Дау был очень тощ. Он влетал к нам в комнату, складывался в кресле, скрутив ноги винтом, потирая руки характерным угловатым жестом — широко растопырив локти, и начинал какой-либо оживленный разговор. Эти моменты мы очень любили (мы — это трое: И. Е. Дзялошинский, Л. П. Питаевский и я, в то время самые молодые сотрудники теоретического отдела ИФП). Предмет очередной беседы мог быть самый разнообразный. В частности, она могла явиться продолжением предыдущего разговора на научную тему, продолжением непосредственно с того места, где он прервался в прошлый раз. В этом случае беседа могла сразу пойти на высоких тонах. Правда, дозволялось спорить.
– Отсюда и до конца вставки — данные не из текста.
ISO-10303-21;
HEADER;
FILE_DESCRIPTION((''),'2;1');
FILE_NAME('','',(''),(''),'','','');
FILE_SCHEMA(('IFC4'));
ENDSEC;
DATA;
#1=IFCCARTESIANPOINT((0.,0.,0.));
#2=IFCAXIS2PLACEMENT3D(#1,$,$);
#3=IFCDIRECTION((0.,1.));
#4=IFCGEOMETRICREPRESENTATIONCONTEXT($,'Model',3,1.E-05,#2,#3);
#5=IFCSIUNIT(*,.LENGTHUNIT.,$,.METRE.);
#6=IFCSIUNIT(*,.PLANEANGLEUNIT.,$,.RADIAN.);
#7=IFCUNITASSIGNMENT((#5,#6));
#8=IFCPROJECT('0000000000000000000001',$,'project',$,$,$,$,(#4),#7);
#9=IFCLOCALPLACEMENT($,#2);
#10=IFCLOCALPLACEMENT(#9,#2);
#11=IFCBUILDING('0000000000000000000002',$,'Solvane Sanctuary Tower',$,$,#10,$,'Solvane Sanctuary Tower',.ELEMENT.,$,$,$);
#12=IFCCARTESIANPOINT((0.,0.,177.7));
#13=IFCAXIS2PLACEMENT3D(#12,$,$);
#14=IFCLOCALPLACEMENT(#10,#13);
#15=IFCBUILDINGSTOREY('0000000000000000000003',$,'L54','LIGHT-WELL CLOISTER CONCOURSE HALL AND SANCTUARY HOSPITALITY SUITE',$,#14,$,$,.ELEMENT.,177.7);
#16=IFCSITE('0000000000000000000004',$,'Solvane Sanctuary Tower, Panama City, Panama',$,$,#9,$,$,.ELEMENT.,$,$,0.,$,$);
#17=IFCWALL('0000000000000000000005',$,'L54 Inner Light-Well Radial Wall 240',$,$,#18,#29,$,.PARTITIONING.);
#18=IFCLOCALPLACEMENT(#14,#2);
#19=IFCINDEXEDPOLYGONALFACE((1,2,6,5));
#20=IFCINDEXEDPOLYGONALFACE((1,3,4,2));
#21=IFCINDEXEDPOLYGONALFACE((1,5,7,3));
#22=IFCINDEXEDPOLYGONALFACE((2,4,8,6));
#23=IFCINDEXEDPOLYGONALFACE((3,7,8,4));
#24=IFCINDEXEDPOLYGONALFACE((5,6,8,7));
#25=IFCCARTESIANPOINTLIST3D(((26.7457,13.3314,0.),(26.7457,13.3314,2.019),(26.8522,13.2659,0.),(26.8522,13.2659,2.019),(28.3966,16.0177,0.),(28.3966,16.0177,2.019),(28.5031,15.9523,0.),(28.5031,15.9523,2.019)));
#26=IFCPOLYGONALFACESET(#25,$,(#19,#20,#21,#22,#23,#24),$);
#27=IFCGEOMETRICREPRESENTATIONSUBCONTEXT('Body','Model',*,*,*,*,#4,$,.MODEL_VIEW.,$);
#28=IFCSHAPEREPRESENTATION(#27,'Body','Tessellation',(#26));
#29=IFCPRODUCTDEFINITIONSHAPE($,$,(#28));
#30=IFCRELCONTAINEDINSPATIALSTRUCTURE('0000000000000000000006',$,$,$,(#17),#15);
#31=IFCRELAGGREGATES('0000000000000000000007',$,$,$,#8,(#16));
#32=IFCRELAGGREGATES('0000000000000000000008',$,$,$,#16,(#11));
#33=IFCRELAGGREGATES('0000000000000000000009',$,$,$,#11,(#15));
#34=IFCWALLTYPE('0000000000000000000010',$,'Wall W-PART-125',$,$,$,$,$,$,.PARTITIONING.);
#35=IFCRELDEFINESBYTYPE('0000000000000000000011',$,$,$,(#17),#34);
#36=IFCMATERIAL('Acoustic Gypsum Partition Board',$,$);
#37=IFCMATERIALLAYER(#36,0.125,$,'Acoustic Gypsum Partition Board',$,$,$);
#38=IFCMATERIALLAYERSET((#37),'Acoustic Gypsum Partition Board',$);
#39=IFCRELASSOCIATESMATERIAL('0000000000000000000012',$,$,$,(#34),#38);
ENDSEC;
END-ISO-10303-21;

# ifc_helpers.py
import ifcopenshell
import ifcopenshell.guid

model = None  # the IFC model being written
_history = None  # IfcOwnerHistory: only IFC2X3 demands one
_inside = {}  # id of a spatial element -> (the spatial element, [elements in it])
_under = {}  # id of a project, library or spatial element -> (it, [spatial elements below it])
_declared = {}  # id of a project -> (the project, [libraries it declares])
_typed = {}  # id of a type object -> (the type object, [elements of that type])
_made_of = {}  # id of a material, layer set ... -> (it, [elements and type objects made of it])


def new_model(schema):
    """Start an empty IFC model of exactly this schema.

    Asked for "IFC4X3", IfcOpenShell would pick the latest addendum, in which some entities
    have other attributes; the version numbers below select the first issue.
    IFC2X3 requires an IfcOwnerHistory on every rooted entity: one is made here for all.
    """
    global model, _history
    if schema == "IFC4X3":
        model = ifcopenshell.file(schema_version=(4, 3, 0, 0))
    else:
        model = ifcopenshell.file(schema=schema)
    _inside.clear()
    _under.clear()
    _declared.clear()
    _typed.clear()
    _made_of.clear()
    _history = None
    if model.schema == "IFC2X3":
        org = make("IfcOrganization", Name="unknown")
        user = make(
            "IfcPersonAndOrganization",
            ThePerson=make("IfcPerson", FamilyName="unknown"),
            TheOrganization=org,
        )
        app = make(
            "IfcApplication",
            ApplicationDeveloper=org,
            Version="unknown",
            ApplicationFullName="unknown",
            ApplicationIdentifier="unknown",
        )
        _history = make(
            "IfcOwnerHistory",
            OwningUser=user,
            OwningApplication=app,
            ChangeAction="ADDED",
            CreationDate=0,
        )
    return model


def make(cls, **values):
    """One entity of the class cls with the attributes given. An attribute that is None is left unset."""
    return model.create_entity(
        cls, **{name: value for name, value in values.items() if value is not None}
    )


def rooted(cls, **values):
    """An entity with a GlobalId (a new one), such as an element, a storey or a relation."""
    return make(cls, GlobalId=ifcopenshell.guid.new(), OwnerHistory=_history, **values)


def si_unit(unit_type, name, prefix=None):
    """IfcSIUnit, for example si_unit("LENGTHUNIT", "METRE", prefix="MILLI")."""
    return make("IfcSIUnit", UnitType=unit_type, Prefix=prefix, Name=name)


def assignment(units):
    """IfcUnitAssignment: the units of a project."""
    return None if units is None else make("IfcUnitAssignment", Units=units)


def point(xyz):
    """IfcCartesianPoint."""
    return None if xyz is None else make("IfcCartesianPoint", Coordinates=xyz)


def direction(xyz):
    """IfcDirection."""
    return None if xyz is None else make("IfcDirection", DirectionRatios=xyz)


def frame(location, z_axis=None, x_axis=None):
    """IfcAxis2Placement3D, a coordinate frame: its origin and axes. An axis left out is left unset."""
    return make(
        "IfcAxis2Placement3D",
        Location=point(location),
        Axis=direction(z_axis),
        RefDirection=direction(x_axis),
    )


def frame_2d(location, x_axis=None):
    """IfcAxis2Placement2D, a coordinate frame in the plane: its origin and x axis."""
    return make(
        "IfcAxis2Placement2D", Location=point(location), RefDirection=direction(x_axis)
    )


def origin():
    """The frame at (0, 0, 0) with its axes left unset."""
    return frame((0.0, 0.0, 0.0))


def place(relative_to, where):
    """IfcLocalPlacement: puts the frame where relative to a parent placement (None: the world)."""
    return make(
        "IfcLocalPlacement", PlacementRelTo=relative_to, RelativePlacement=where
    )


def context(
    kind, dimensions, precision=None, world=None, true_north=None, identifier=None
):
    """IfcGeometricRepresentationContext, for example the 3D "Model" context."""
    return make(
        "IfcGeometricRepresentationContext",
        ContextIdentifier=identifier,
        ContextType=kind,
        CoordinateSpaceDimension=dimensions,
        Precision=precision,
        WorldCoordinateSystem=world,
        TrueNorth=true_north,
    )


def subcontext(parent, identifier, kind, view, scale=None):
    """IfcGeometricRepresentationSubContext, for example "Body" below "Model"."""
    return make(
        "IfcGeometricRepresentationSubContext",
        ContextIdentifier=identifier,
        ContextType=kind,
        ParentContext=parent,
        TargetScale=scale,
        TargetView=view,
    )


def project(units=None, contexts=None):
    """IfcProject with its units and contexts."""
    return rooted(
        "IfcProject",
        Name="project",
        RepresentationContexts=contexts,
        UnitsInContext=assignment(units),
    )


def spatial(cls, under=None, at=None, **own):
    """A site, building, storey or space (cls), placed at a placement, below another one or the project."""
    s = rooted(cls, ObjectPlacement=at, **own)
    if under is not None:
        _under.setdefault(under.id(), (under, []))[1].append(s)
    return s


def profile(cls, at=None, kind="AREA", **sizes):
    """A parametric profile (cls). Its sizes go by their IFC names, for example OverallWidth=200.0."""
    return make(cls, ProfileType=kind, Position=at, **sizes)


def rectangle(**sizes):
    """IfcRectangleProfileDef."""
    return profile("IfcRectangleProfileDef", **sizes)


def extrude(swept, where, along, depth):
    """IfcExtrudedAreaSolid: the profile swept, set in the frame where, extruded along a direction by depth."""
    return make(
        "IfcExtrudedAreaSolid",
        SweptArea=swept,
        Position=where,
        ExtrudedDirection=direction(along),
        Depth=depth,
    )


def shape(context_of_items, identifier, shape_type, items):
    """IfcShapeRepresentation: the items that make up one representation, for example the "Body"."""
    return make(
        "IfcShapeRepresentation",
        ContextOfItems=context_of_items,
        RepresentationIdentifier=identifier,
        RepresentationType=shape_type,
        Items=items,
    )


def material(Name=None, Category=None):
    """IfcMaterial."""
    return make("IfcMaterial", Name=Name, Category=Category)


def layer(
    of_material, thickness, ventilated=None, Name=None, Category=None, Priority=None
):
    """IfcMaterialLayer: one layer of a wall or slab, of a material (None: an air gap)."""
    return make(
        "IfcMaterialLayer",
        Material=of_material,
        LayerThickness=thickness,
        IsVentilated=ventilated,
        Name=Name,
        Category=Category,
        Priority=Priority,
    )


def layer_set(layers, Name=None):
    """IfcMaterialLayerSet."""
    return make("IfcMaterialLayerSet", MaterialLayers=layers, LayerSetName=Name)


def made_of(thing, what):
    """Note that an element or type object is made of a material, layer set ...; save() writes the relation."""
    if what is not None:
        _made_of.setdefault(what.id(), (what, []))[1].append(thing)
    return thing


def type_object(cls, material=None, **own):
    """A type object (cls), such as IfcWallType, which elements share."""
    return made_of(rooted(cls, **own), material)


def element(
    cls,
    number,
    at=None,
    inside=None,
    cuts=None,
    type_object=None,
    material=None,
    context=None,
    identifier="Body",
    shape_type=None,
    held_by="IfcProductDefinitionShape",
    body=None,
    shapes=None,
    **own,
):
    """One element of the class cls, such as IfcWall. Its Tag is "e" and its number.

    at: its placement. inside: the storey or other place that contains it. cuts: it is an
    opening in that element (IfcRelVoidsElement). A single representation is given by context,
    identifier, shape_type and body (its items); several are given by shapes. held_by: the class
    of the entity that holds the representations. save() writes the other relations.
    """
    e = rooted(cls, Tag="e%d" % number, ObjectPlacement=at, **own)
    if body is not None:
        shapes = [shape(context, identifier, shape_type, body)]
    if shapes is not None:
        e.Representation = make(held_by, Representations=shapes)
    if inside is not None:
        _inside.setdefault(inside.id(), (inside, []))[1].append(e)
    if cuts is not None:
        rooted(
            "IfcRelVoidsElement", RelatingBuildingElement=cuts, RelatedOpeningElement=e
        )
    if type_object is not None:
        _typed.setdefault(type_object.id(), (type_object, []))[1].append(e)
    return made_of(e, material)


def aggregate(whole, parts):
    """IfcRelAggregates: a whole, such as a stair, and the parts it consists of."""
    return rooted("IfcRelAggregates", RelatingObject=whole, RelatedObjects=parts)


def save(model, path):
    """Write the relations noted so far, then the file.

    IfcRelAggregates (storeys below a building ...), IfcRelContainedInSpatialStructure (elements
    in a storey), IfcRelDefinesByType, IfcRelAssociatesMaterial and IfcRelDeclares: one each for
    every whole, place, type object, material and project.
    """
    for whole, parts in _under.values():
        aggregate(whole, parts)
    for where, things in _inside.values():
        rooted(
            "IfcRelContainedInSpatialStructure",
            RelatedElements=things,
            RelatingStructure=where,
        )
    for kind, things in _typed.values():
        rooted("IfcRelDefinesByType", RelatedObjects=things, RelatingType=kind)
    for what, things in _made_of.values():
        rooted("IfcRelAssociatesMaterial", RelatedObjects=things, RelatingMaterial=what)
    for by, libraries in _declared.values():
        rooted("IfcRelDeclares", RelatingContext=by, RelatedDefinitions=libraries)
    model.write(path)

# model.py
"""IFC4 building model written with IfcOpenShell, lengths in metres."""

from ifc_helpers import new_model, si_unit, direction, frame, frame_2d, origin, place, context, subcontext, project, spatial, rectangle, extrude, material, layer, layer_set, type_object, element, save


model = new_model("IFC4")

# Units and contexts
model_context = context("Model", 3, precision=1e-05, world=origin(), true_north=direction((0.0, 1.0)))
body_context = subcontext(model_context, "Body", "Model", "MODEL_VIEW")
ifc_project = project(units=[si_unit("LENGTHUNIT", "METRE"), si_unit("PLANEANGLEUNIT", "RADIAN")], contexts=[model_context])

# Site, building, storey
site_placement = place(None, origin())
site = spatial("IfcSite", under=ifc_project, at=site_placement, Name="Solvane Sanctuary Tower, Panama City, Panama", CompositionType="ELEMENT", RefElevation=0.0)
building_placement = place(site_placement, origin())
building = spatial("IfcBuilding", under=site, at=building_placement, Name="Solvane Sanctuary Tower", LongName="Solvane Sanctuary Tower", CompositionType="ELEMENT")
storey_placement = place(building_placement, frame((0.0, 0.0, 177.7)))
storey = spatial("IfcBuildingStorey", under=building, at=storey_placement, Name="L54", Description="LIGHT-WELL CLOISTER CONCOURSE HALL AND SANCTUARY HOSPITALITY SUITE", CompositionType="ELEMENT", Elevation=177.7)

# Shared definitions
ifc_material_1 = material(Name="Acoustic Gypsum Partition Board")

# Shared definitions
ifc_layer_1 = layer(ifc_material_1, 0.125, Name="Acoustic Gypsum Partition Board")
ifc_layer_set_1 = layer_set([ifc_layer_1], Name="Acoustic Gypsum Partition Board")
wall_type_1 = type_object("IfcWallType", Name="Wall W-PART-125", PredefinedType="PARTITIONING", material=ifc_layer_set_1)

# Wall
wall_1_placement = place(storey_placement, frame((28.45, 15.9851, 0.0), z_axis=(0.0, 0.0, 1.0), x_axis=(-0.523588, -0.851972, 0.0)))
element("IfcWall", 1, at=wall_1_placement, inside=storey, type_object=wall_type_1, Name="L54 Inner Light-Well Radial Wall 240", PredefinedType="PARTITIONING", context=body_context, shape_type="SweptSolid", body=[
    extrude(rectangle(XDim=3.1531, YDim=0.125, at=frame_2d((1.5767, 0.0))), origin(), (0.0, 0.0, 1.0), 2.019),
])

save(model, "model.ifc")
Если удавалось ввернуть что-то дельное, что заставляло Дау задуматься, он несколько утихал. Увы, это происходило не всегда — чаще, конечно, Дау бывал прав. В подобных случаях могла последовать выразительная воспитательная речь — мы-де начали лениться или мы-де слишком много философствуем и размышляем вместо того, чтобы работать, а работать — это значит писать чернилами на бумаге! «Просто так думать, — говорил Дау, — очень трудно, а все время думать — невозможно. Работать надо!» Попутно Дау замечал, что классики марксизма давно доказали, что только труд создал человека, и с удовольствием приводил какой-нибудь пример, когда, скажем, ученого избрали в академики, а он пссле этого, как ему, Дау, кажется, перестал работать. «Вы же видите, — втолковывал Дау, — он вот-вот опять залезет на дерево!» Сделав несколько подобных замечаний, Дау искал другие темы. Но иногда Дау выскакивал в раздражении. Это было очень неприятно — конечно, мы Дау побаивались. У меня сейчас есть понимание, что нас троих Дау по молодости нашей слегка щадил — я сам видел несколько сцен, когда Дау в отчаянии топал ногами, воздевая руки к небу, и вообще вопил и был довольно разнообразен в эпитетах, если считал, что преподносимый ему научный результат есть, как он говорил, вранье!
Правда, мы все трое были довольно самолюбивы и старались зря к нему не лезть.